SMHS GLM

Scientific Methods for Health Sciences - Generalized Linear Modeling (GLM)

Overview

Generalized Linear Modeling (GLM) is a flexible generalization of ordinary linear regression, which allows for response variables that have error distribution models other than a normal distribution. It generalizes linear regression by allowing the linear model to be related to the response variable via a link function and allowing the magnitude of the variance of each measurement to be function of its predicted value. GLM is a way of unifying statistical models like linear regression logistic regression and Poisson regression. Methods like iteratively reweighted least squares method for maximum likelihood estimation, Bayesian approaches and least squares fitted to variance stabilized responses are proposed for GLM. In this lecture, we are going to present a general introduction to GLM including the assumptions, model applied and illustrate the application of GLM with examples presented.

Motivation

We have discussed about linear regression, which deal with the linear relationship between response and the predictors. What if the response variable does not follow a normal distribution? For example, a model that predicts the probability of making a yes/no choice is not suitable as a linear-response model given that the probabilities are bounded on both ends. Or a study that aims to predict each decrease in 10 degrees Fahrenheit leads to 1000 fewer people going on vacation in the beach is unlikely to generalize well over small nor large beaches. In many cases, the linear regression model won’t apply and GLM has to be applied for it allows the response variables that have arbitrary distribution other than normal distribution to vary linearly with the predicted values.

Theory

1) GLM components: (1) a probability distribution from the exponential family; (2) a linear predictor $\eta=X\beta$ (3) a link function $g$ such that $E[Y]=\mu=g^{-1}(\eta)$ The dependent variable $Y$ in GLM is assumed to be generated from a particular distribution in the exponential family, a large range of probability distributions include normal, binomial, Poisson and gamma distribution. The mean, $\mu$, of the distribution depends on the independent variables $X:E[Y]=\mu=g^{-1} (X\beta),$ where $E[Y]$ is the expected value of $Y, X\beta$ is the linear predictor, a linear combination of unknown parameters, $\beta$, $g$ is the linked function. The variance is typically a function $V$ of the mean: $Var(Y)=V(\mu)=V(g^{-1} (X\beta)).$ It is convenient if $V$ follows from the exponential family distribution but it may simply be that the variance is a function of the predicted value. The unknown parameters, $\beta$, are typically estimated with maximum likelihood, maximum quasi-likelihood, or Bayesian techniques.
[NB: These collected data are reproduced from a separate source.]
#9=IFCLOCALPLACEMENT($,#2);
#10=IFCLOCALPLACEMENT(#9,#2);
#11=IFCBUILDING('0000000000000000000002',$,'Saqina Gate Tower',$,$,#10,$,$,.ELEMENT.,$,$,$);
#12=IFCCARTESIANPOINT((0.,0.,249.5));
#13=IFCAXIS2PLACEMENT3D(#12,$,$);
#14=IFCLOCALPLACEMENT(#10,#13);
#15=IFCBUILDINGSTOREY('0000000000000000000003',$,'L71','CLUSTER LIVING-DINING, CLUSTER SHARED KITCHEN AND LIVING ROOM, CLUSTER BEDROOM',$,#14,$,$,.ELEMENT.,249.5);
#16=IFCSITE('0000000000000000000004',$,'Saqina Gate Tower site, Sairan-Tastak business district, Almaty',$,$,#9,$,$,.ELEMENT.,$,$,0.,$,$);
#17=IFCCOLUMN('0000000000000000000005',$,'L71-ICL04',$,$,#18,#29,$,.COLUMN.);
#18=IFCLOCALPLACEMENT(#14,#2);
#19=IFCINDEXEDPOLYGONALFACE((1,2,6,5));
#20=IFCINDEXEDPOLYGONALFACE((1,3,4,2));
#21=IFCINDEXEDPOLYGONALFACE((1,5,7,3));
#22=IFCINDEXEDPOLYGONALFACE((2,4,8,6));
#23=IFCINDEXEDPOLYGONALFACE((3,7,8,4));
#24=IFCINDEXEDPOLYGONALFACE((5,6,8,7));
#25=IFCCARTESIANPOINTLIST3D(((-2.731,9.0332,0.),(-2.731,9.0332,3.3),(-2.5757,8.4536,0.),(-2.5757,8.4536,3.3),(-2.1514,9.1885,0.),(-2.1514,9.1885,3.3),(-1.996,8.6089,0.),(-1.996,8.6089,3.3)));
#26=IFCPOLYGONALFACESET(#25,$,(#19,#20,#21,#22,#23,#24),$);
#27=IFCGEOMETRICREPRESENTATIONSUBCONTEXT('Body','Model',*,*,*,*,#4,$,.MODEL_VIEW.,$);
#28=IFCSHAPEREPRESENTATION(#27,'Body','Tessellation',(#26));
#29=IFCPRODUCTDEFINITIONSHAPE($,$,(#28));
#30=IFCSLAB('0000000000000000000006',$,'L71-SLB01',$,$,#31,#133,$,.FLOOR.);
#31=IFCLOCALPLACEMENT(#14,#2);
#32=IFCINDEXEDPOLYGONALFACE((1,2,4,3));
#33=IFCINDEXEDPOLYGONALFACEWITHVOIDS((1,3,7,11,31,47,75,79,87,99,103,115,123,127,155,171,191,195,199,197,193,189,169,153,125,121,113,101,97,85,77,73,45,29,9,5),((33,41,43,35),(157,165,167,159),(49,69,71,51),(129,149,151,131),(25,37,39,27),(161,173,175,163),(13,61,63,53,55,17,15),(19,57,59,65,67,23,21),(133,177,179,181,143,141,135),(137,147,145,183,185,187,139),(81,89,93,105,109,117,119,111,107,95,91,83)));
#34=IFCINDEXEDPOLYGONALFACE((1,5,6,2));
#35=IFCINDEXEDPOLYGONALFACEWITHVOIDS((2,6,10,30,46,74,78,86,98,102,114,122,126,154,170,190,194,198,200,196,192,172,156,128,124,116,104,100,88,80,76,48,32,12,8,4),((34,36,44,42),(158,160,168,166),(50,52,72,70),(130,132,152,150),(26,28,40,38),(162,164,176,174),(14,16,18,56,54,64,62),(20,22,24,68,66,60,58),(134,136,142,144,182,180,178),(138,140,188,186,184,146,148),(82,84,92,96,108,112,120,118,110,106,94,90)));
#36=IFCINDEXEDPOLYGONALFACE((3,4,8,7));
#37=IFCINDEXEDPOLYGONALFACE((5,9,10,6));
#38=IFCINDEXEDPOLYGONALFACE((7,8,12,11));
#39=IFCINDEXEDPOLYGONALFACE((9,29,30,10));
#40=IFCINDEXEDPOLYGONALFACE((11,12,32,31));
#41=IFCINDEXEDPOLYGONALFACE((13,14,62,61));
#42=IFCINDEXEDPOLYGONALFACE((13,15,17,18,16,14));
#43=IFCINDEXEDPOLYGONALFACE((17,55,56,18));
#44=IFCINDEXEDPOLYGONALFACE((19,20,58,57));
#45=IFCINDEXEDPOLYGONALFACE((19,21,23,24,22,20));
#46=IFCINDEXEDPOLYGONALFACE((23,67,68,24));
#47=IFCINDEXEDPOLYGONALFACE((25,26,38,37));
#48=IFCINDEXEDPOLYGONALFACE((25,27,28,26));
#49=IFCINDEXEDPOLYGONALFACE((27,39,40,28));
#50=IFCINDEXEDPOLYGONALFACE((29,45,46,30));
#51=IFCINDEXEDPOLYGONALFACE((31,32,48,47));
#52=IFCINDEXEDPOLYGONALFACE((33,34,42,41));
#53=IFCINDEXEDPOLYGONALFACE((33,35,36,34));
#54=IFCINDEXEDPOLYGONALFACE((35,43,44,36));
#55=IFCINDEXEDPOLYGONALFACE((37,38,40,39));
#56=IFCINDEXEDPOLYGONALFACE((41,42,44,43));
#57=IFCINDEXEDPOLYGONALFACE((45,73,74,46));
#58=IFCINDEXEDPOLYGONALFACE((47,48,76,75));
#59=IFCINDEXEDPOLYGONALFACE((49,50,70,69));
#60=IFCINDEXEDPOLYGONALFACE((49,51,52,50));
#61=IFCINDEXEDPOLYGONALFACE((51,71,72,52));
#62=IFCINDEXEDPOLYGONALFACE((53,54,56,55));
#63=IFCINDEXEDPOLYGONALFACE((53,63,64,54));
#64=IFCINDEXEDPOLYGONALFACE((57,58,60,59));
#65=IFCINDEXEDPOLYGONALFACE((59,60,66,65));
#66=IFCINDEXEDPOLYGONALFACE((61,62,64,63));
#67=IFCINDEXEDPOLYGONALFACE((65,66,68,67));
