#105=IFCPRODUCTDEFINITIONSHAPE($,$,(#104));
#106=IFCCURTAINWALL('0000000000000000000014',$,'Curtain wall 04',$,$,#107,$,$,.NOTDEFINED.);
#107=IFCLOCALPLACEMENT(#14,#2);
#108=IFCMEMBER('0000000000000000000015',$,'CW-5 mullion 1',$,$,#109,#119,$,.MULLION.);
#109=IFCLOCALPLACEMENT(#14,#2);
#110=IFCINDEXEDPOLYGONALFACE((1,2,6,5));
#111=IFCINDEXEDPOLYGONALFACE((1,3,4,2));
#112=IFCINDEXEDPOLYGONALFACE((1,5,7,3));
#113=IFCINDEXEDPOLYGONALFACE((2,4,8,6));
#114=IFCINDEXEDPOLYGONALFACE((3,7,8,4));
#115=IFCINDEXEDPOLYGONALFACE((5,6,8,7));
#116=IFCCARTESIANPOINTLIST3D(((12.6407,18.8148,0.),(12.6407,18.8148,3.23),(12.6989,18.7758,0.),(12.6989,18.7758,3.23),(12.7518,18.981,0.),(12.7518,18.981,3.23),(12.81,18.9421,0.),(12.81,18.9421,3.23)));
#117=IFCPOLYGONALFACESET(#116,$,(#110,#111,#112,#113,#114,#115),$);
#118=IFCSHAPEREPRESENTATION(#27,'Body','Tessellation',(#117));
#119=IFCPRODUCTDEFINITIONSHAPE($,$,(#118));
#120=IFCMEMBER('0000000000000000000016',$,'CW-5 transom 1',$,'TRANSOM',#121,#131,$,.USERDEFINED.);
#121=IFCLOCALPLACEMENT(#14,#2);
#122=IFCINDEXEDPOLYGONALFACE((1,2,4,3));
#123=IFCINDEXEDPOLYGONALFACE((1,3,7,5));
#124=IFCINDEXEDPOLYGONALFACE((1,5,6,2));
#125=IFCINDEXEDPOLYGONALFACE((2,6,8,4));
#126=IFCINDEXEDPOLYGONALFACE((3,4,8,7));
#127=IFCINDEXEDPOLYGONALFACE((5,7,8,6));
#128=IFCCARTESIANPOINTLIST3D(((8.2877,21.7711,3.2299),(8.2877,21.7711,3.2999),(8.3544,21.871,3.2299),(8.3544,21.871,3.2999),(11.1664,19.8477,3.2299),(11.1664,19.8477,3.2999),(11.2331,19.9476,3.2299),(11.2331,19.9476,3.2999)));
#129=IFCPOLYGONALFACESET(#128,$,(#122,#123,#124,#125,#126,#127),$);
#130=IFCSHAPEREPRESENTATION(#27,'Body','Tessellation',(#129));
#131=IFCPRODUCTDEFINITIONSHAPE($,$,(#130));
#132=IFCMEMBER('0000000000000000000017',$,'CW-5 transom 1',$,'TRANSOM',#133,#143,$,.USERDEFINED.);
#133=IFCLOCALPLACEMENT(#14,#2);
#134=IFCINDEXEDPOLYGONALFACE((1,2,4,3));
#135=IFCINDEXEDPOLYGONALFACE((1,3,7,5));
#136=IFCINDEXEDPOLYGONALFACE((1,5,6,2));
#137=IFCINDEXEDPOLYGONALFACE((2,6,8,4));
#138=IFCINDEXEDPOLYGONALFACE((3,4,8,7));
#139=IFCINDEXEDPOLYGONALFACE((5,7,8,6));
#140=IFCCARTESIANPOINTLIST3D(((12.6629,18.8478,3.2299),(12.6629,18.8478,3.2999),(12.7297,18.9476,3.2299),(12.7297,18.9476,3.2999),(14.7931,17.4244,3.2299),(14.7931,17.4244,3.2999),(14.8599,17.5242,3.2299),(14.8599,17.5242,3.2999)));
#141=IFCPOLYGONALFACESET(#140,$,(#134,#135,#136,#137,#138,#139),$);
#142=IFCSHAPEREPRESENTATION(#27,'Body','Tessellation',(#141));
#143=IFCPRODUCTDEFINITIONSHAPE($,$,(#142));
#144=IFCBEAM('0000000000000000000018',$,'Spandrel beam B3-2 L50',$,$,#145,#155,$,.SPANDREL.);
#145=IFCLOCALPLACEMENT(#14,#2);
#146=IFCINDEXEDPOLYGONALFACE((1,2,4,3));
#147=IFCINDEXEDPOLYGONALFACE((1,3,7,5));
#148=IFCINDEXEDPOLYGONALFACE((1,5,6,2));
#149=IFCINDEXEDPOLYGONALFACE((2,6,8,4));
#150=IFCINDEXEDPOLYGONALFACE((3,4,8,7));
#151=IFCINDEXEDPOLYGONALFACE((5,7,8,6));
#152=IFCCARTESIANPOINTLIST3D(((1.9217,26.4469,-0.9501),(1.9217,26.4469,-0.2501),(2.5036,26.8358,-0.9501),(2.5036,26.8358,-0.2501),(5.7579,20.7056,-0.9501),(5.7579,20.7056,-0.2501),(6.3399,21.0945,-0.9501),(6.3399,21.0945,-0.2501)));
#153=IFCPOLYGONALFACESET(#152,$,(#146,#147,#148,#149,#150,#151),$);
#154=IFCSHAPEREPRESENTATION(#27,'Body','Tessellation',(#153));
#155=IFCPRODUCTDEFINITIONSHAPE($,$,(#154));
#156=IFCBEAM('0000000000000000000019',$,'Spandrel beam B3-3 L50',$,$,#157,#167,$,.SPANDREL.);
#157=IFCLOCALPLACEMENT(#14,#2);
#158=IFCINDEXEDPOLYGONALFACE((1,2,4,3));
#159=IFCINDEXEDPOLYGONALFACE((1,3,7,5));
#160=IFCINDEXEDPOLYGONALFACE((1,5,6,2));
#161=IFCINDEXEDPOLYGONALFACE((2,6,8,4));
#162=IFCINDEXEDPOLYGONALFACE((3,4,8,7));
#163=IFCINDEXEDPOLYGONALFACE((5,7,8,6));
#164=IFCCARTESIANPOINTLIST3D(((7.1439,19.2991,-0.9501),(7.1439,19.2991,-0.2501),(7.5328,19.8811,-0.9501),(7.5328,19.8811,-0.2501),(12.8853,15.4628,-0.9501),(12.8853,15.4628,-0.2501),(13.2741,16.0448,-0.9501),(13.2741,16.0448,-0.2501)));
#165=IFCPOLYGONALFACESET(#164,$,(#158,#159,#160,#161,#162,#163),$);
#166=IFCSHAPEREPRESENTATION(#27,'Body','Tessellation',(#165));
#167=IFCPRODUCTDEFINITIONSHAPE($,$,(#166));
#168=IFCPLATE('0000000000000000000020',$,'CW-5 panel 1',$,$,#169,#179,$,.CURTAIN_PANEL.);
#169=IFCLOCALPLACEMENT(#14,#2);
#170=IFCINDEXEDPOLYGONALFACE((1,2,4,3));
2)Probability distribution: the over-dispersed exponential family of distribution is a generalization of exponential family and exponential dispersion model of distributions and includes those by $\theta$ and $\tau$, whose density function can be expressed as $f_{Y} (y│\theta,\tau)=h(y,\tau)exp\left(\frac{b(theta)^{T} T(y)-A(\theta)}{(d{\tau})}\right)$ where $\tau$ is the dispersion parameter and is usually related to the variance of the distribution. For scalar $Y$ and $\theta$, this reduces to $f_{Y} (y│\theta,\tau)=h(y,\tau)exp\left(\frac{b(theta)^{T} T(y)-A(\theta)}{(d{\tau})}\right)$, $\theta$ is related to the mean of the distribution. If $b(\theta)$ is the identity function then the distribution is said to be in canonical form (natural form).

3) Linear predictor and link function: the quantity which incorporate the information about the independent variables into the model. $\eta=X\beta$ relates the expected value of the data (predictor). $\eta$ is expressed as linear combination of unknown parameters $\beta$. The coefficients of the linear combination are represented as the matrix of independent variables $X$. The link function provides the relationship between the linear predictor and the mean of the distribution function. The following table lists some commonly used exponential family distribution and data that typically used for along with the canonical link functions and their inverses.

Distribution	Support of distribution	Typical uses	Link name	Link function	Mean function
Normal	$(-\infty,+\infty)$ real	Linear response data	Identity	$X\beta=\mu$	$\mu =X\beta$
Exponential	$(0,+\infty)$ real	Exponential response data, scale parameters	Inverse	$X\beta=-\mu^{-1}$	$\mu =(X\beta)^{-1}$
Gamma	$(0,+\infty)$ real	Exponential response data, scale parameters	Inverse	$X\beta=-\mu^{-1}$	$\mu =(X\beta)^{-1}$
Inverse Gaussian	$(0,+\infty)$ real		Inverse	$X\beta=-\mu^{-2}$	$\mu =(X\beta)^{-\frac{1} {2}}$
Poisson	integer $(0,\infty)$	Count of occurrences in fixed time/space	log	$X\beta=1n_{\mu}$	$\mu = exp(X\beta)$
Bernoulli	integer [0,1]	Outcome of single yes/no occurrence	logit	$X\beta=ln(\frac{\mu}{1-\mu})$	$\mu =\frac{exp(X\beta)}{1+exp(X\beta)}$
Binomial	integer [0,N]	Count of # of ‘yes’ in N yes/no occurrences	logit	$X\beta=ln(\frac{\mu}{1-\mu})$	$\mu =\frac{exp(X\beta)}{1+exp(X\beta)}$
Categorical	integer [0,K],K-vector of integers [0,1]	Outcome of single K-way occurrence	logit	$X\beta=ln(\frac{\mu}{1-\mu})$	$\mu =\frac{exp(X\beta)}{1+exp(X\beta)}$
Multinomial	K-vector of integers: [0,1]	Count of occurrences of different types (1,…,K) out of N total K-way occurrences	logit	$X\beta=ln(\frac{\mu}{1-\mu})$	$\mu =\frac {exp(X\beta)}{1+exp(X\beta)}$

In the cases of the exponential and gamma distributions, the domain of the canonical link function is not the same as the permitted range of the mean. Particularly, the linear predictor may be negative, which would give an impossible negative mean. When maximizing the likelihood, precautions must be taken to avoid this. An alternative is to use a non-canonical link function.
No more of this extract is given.